N’en doutez point, seigneur : mon âme inquiétée,
D’une crainte si juste est sans cesse agitée ;
Je tremble pour mon frère, et crains que son trépas
D’un ennemi si cher n’ensanglante le bras.
Mais en vain je m’oppose à l’ardeur qui l’enflamme,
Axiane et Porus tyrannisent son âme ;
Les charmes d’une reine et l’exemple d’un roi,
Dès que je veux parler, s’élèvent contre moi.
Que n’ai-je point à craindre en ce désordre extrême !
Je crains pour lui, je crains pour Alexandre même.
Je sais qu’en l’attaquant cent rois se sont perdus ;
Je sais tous ses exploits ; mais je connais Porus.
Nos peuples qu’on a vus, triomphants à sa suite,
Repousser les efforts du Persan et du Scythe,
Et tout fiers des lauriers dont il les a chargés,
Vaincront à son exemple, ou périront vengés ;
Et je crains…

ÉPHESTION.

Et je crains… Ah ! quittez une crainte si vaine ;
Laissez courir Porus où son malheur l’entraîne :
Que l’Inde en sa faveur arme tous ses États,
Et que le seul Taxile en détourne ses pas !
Mais les voici.

CLÉOFILE.

Mais les voici.
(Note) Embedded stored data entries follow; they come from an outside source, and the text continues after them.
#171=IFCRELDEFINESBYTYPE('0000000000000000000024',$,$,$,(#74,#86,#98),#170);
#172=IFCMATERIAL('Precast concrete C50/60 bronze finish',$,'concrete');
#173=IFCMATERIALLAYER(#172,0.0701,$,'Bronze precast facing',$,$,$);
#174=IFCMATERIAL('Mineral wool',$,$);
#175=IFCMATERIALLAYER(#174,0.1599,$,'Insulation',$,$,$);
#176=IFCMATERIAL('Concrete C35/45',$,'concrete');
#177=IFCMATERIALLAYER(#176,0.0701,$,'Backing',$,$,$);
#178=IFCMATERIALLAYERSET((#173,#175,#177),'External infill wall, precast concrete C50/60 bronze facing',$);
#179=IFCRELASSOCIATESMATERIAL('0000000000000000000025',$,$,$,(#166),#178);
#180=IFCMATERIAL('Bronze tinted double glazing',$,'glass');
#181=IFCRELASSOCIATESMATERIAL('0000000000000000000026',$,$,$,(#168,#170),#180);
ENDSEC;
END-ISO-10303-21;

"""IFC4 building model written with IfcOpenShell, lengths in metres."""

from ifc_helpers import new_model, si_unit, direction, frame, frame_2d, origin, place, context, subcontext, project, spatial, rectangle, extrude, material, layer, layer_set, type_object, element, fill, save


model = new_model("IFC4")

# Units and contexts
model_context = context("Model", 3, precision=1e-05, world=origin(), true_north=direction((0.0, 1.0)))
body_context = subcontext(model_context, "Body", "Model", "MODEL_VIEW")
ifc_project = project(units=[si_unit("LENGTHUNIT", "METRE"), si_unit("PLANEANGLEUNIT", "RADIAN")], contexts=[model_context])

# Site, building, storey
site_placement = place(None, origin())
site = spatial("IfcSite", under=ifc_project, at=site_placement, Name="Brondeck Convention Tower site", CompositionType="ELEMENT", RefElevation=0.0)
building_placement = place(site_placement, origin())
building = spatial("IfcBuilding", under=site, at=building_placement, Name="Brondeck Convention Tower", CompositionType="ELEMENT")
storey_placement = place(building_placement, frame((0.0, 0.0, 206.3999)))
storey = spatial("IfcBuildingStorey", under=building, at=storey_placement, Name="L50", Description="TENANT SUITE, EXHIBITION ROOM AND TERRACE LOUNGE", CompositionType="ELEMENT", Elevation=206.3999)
Seigneur, achevez votre ouvrage :
Par vos sages conseils dissipez cet orage ;
Ou, s’il faut qu’il éclate, au moins souvenez-vous
De le faire tomber sur d’autres que sur nous.


Scène II.

PORUS, TAXILE, ÉPHESTION.
ÉPHESTION.

Avant que le combat qui menace vos têtes
Mette tous vos États au rang de nos conquêtes,
Alexandre veut bien différer ses exploits,
Et vous offrir la paix pour la dernière fois.
Vos peuples prévenus de l’espoir qui vous flatte,
Prétendaient arrêter le vainqueur de l’Euphrate ;
Mais l’Hydaspe, malgré tant d’escadrons épars,
Voit enfin sur ses bords flotter nos étendards :
Vous les verriez plantés jusque sur vos tranchées,
Et de sang et de morts vos campagnes jonchées,
Si ce héros, couvert de tant d’autres lauriers,
N’eût lui-même arrêté l’ardeur de nos guerriers.